= Rancho Llano de Tesquisquita =

Former Mexican land grant

Rancho Llano de Tesquisquita was a 16016 acre Mexican land grant in present-day San Benito County and Santa Clara County, California given in 1835 by Governor José Castro to José María Sanchez. The name means "flats of Tesquisquita". The grant extended from the Pajaro River to Tesquisquita Slough, south of present-day Gilroy.

==History==
José María Sanchez (1804-1852) came to modern-day California from Mexico in 1825, forming a partnership with Francisco Perez Pacheco, grantee of Rancho Ausaymas y San Felipe. In 1840, Sanchez married Maria Encarnacion Ortega (1824-1894), the daughter of Quentin Ortega and Vicenta Butron of Rancho San Ysidro. Sanchez first bought Rancho Las Animas from the widow of Mariano Castro in 1835. Sanchez was granted Rancho Llano de Tesquisquita in 1835. In 1844 Sanchez bought Rancho Lomerias Muertas from Jose A. Castro. Although he owned thousands of cattle, meat was not in demand at the time, so Sanchez made money by selling hides and tallow, as well as manufacturing soap from the tallow. San Felipe Lake, also called Upper Soap Lake, is a permanent lake on the upper reaches of the Pajaro River.

With the cession of California to the United States following the Mexican-American War, the 1848 Treaty of Guadalupe Hidalgo provided that the land grants would be honored. As required by the Land Act of 1851, a claim for Rancho Llano de Tesquisquita was filed with the Public Land Commission in 1852, and the grant was patented to the heirs of José María Sanchez in 1873.

With the acquisition of Rancho Lomerias Muertas, the Sanchez domain extended over 49000 acre, with the Pajaro River dividing his lands. When the California gold rush began in 1848, the influx of American prospectors brought a high demand for beef and horses, and the value of Sanchez's holdings multiplied manyfold. His wealth increased even more by gambling with prospectors who traveled up from Mexico to mine gold, and passed through his spacious estates on the way back home. These miners would bet on their card games with the gold they carried. With Sanchez being a canny gambler, and having supplied the miners with all the liquor they could drink, he quickly accumulated large amounts of gold in the form of coins, flakes and dust. He earned additional income by loaning money to residents of Monterey. As American settlers moved into California, his land also multiplied in value. His estate would eventually be valued at $300,000 ($12.5 million in 2025).

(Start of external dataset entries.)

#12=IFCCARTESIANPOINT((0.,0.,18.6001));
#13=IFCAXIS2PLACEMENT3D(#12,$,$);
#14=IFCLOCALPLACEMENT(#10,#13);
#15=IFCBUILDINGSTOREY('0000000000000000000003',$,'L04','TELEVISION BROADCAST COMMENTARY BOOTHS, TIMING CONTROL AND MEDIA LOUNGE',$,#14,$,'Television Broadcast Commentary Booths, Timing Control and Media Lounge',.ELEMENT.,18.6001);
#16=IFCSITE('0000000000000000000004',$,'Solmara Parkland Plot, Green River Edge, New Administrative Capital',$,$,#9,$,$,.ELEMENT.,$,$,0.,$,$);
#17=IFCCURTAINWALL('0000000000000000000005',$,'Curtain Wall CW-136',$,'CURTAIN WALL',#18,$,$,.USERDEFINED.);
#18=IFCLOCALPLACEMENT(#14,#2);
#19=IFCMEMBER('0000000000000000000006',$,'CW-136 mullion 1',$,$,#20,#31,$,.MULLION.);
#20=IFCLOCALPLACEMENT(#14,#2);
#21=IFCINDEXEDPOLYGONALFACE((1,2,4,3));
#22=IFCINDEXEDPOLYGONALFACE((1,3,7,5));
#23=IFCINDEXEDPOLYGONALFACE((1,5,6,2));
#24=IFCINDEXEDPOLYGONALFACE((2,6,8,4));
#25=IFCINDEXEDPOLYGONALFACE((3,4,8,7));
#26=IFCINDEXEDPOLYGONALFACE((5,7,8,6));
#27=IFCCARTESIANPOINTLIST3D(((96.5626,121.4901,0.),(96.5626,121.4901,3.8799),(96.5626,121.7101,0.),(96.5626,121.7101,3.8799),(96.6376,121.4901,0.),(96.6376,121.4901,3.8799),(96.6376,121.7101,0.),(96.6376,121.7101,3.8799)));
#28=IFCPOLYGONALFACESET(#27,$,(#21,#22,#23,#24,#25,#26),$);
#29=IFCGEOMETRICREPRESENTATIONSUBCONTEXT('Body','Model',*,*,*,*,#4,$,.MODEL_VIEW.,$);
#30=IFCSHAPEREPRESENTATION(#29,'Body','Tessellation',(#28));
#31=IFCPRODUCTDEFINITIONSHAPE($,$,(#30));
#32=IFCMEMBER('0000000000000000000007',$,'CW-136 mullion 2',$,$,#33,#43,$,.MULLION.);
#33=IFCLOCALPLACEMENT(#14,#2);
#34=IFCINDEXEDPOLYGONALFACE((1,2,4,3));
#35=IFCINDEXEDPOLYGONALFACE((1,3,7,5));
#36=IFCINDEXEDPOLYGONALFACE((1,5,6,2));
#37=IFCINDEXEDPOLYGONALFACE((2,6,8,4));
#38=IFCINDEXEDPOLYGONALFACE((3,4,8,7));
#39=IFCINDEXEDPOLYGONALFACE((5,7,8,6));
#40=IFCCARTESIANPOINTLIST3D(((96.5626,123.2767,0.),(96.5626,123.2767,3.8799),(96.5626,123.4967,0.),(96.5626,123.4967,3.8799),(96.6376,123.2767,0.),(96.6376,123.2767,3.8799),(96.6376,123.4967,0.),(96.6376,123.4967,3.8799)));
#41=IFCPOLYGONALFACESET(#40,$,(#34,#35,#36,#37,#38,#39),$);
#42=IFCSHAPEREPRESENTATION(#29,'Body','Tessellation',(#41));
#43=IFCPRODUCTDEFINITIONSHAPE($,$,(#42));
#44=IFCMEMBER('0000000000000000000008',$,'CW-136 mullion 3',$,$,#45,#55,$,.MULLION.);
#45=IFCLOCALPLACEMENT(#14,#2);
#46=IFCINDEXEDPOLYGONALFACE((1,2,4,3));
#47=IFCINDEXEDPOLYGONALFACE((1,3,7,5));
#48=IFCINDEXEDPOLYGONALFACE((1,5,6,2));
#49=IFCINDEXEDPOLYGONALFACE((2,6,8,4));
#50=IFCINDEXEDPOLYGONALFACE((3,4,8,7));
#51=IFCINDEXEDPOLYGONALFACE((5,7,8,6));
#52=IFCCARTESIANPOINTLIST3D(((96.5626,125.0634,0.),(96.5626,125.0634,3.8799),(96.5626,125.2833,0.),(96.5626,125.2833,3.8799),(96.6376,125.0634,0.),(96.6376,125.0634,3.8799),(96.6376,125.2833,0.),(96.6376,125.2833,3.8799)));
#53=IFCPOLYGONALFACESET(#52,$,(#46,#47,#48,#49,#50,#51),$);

However, Sanchez drowned in the Pajaro River on Christmas Eve 1852, leaving behind a widow, Maria Encarnacion Ortega Sanchez, and five children (four sisters: Vicenta; Refugia; Candelaria; Guadalupe, and one brother: José Gregorio). Numerous men saw an opportunity to gain control of the vast Sanchez estate by wedding Maria. In 1853, Maria married her attorney, Thomas B. Godden. Godden was killed in the explosion of the steamboat "Jenny Lind" en route from Alviso to San Francisco on April 11, 1853. Maria's two husbands had died within four months of each other. In 1853, Maria married Dr. Henry L. Sanford.

In 1855, California jurist and Democratic politician David S. Terry took up the cause of "Widow Sanchez" after it was found she was being cheated by local authorities, including the sheriff, William Roach, who took her fortune under the guise of guardianship. After kidnapping Roach with the help of a local gunslinger named Anastacio Garcia, Terry and his allies held Roach in a jail cell in Stockton until he agreed to release the widow's gold. But Roach had bribed a guard to ride to Monterey and urge Roach's family to hide the gold. The treasure was hidden somewhere in Carmel Valley, California by Roach's brother-in-law, Jerry MacMahon. Later that day, MacMahon had a run-in at a hotel bar with Maria's third husband Henry Sanford. Drawing their guns, they shot each other dead, and the location of the gold was lost forever.

A few months later, Maria married George W. Crane (1827-1868). In 1864, the Sanchez heirs started selling their share of the land to Henry Miller. By 1867, Miller and Lux owned 44000 acre of the Sanchez ranchos. Maria moved with her fourth husband Crane to San Juan, where Crane died of measles in 1868.

In 1871, Maria Encarnacion Ortega married her fifth husband, Anastacio Alviso, who shortly after their marriage was shot and killed in a hunting accident.